Algernon screamed, or tried to, because, of course, cabbages don’t have mouths. At best, they bristle slightly. He flailed his leaves. He rolled dramatically off the table. He attempted to write HELP in dirt with his roots. It was all to no avail.


And the sad truth is that that might have been it for Algernon Vainwright. A life in the vegetable rack, waiting for the bi-annual clear out. A fine brassica by any standard. Perhaps he might receive an occasional visit from his cousins, the mustards. Perhaps an odd social get-together with other like-minded tracheophytes. All of that was to look forward to. That is, had he not been found the next morning by Mrs. Gribble, the cook, housekeeper and pie shop entrepreneur. Unsurprisingly, she mistook him for part of her weekly greengrocery order.

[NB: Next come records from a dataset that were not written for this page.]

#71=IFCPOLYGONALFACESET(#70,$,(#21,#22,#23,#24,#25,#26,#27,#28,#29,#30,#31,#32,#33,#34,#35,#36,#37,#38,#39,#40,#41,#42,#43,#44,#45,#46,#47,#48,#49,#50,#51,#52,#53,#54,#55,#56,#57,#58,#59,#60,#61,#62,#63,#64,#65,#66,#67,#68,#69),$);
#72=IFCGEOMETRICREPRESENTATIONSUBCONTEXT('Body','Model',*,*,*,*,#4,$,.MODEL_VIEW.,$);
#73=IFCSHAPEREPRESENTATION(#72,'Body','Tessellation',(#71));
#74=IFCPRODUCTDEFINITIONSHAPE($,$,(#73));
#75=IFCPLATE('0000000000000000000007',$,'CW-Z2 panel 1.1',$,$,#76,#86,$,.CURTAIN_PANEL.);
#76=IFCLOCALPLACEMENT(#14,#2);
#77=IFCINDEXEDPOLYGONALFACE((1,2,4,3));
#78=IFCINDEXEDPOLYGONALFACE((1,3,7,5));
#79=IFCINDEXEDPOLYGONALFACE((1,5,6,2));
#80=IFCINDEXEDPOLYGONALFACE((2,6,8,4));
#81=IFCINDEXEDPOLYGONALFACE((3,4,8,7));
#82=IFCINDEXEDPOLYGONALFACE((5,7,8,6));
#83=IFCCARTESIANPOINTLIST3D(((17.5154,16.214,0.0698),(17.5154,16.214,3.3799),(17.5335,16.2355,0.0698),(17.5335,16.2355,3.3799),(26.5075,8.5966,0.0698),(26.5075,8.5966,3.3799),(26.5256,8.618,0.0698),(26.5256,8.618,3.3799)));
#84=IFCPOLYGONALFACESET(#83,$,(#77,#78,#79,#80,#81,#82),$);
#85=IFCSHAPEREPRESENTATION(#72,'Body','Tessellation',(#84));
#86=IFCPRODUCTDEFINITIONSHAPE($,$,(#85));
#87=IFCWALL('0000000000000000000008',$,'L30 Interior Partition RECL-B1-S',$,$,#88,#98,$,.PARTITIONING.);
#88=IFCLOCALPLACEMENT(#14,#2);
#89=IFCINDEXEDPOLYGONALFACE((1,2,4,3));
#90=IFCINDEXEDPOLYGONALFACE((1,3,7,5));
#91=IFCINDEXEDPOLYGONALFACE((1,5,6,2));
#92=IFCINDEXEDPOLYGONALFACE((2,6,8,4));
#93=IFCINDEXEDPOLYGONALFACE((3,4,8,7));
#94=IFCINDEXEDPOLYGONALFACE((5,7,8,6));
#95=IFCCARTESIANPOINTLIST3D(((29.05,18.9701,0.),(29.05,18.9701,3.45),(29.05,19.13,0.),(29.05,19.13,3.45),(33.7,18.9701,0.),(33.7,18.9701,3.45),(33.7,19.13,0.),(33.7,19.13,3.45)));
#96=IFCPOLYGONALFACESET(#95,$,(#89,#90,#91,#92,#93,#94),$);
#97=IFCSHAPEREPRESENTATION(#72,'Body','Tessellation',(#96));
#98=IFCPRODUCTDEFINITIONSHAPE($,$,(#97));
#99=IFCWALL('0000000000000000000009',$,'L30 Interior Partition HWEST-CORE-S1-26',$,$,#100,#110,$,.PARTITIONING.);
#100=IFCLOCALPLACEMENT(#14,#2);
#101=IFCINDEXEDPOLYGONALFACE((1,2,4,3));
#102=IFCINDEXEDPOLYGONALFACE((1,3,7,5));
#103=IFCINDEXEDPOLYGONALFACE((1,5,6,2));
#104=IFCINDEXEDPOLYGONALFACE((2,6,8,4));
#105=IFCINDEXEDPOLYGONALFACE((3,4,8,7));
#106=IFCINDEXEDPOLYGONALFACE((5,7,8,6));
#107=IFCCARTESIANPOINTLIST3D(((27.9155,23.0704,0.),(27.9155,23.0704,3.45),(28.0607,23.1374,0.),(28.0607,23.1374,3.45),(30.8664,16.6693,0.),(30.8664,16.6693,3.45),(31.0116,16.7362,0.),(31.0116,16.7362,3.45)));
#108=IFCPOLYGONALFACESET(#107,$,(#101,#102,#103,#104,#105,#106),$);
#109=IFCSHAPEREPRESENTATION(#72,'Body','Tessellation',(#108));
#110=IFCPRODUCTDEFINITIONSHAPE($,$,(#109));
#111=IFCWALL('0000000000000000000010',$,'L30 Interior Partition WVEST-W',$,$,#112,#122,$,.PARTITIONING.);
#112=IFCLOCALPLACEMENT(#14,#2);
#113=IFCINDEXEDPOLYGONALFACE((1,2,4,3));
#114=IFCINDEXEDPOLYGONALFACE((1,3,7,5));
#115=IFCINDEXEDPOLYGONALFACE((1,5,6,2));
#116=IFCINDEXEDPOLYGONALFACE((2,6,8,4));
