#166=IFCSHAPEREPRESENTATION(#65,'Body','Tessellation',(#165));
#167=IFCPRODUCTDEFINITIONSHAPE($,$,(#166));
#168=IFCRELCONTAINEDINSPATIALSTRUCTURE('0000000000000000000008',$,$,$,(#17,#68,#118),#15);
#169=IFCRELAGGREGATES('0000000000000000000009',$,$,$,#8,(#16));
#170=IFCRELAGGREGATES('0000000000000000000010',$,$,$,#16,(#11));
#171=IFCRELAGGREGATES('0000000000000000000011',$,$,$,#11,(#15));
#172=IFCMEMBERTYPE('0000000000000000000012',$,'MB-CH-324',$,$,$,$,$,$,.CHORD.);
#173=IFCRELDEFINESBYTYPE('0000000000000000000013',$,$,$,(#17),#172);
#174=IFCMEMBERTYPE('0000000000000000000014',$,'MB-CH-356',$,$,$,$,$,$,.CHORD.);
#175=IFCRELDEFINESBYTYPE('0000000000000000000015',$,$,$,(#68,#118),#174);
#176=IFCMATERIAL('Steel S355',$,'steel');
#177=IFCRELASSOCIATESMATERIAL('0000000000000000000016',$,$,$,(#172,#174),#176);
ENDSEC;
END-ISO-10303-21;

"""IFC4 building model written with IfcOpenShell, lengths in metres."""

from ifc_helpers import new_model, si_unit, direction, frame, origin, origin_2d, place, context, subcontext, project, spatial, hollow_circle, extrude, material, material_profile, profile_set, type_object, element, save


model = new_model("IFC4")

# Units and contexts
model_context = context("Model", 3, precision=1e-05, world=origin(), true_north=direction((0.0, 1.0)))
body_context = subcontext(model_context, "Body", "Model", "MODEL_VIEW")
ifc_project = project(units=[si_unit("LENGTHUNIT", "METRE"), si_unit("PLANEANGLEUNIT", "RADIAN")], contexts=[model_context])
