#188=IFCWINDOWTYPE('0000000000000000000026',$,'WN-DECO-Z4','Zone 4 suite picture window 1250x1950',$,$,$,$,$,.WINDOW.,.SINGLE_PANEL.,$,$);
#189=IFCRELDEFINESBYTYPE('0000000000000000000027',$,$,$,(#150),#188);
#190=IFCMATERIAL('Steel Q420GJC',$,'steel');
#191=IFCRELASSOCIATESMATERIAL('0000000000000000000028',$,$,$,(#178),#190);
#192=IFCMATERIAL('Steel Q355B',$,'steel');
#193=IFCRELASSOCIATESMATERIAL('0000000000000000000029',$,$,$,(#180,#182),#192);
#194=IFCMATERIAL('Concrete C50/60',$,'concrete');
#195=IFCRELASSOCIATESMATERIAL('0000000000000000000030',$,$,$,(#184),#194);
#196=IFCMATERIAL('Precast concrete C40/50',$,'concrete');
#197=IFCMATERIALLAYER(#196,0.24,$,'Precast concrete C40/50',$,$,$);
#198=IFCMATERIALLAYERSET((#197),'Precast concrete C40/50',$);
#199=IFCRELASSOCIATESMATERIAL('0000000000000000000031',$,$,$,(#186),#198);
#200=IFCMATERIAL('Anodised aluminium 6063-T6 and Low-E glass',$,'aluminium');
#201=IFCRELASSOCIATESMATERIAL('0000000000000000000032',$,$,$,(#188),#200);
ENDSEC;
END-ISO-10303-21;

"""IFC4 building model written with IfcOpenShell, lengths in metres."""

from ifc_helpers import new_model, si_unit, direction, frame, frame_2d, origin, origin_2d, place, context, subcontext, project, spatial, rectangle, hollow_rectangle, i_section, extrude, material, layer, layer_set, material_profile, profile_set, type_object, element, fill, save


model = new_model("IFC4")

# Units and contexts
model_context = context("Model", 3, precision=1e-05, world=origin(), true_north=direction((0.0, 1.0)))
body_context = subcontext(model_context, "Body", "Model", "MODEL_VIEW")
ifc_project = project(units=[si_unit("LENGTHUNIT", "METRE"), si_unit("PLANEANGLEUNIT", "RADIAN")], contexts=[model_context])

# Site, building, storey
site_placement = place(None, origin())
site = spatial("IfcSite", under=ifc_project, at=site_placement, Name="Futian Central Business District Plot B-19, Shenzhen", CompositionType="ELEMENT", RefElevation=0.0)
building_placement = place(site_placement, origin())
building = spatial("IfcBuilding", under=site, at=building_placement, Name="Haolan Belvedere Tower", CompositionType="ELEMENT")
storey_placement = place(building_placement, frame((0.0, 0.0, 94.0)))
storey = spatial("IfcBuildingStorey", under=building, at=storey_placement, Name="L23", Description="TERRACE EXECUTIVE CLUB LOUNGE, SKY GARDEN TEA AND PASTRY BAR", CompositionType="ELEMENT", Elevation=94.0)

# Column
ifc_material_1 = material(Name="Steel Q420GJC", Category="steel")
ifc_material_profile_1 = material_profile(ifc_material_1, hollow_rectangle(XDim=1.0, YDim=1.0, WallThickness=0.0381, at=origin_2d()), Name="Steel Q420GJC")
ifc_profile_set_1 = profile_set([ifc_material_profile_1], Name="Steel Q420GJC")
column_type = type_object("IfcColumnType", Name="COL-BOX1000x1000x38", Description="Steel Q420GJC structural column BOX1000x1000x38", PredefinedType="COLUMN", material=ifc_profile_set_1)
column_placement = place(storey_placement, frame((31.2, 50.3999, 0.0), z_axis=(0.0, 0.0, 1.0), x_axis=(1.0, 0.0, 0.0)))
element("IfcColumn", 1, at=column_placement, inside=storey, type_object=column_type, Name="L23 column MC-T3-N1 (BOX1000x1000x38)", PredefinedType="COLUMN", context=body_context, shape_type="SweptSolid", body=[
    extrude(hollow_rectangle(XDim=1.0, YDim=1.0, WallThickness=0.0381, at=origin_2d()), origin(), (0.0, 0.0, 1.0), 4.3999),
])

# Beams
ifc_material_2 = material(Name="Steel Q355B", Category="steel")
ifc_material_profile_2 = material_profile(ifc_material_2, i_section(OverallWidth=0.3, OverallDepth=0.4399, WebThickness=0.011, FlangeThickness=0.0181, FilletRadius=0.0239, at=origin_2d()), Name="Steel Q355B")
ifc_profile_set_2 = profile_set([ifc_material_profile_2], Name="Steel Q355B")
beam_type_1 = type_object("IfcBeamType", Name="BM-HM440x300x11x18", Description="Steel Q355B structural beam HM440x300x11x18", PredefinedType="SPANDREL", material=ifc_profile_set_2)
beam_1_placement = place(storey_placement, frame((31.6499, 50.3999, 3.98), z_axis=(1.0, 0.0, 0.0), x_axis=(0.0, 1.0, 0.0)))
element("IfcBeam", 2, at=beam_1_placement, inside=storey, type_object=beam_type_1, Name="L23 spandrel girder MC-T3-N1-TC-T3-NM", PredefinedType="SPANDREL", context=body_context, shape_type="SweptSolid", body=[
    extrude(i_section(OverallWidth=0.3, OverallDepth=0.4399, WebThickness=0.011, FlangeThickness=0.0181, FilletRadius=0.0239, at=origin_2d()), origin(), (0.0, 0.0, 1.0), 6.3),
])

Algernon tried hard not to, but, under Mrs. Gribble’s expert cookery and thrift skills, he became a pie filling (Vegan option). Algernon, his mental horizons closing in around him by the second, tried hard to remain a vegetable, but, let’s face it, your average brassica is not an action hero.


So somewhere, deep in the bubbling depths of a pot in a pie shop kitchen in Murkstone-Snatchly, a single cabbage leaf floats slightly apart from its shredded and softened brethren. It was smoother. Glossier. It was whispering something in the steam:


“I _still_ don’t have wrinkles.”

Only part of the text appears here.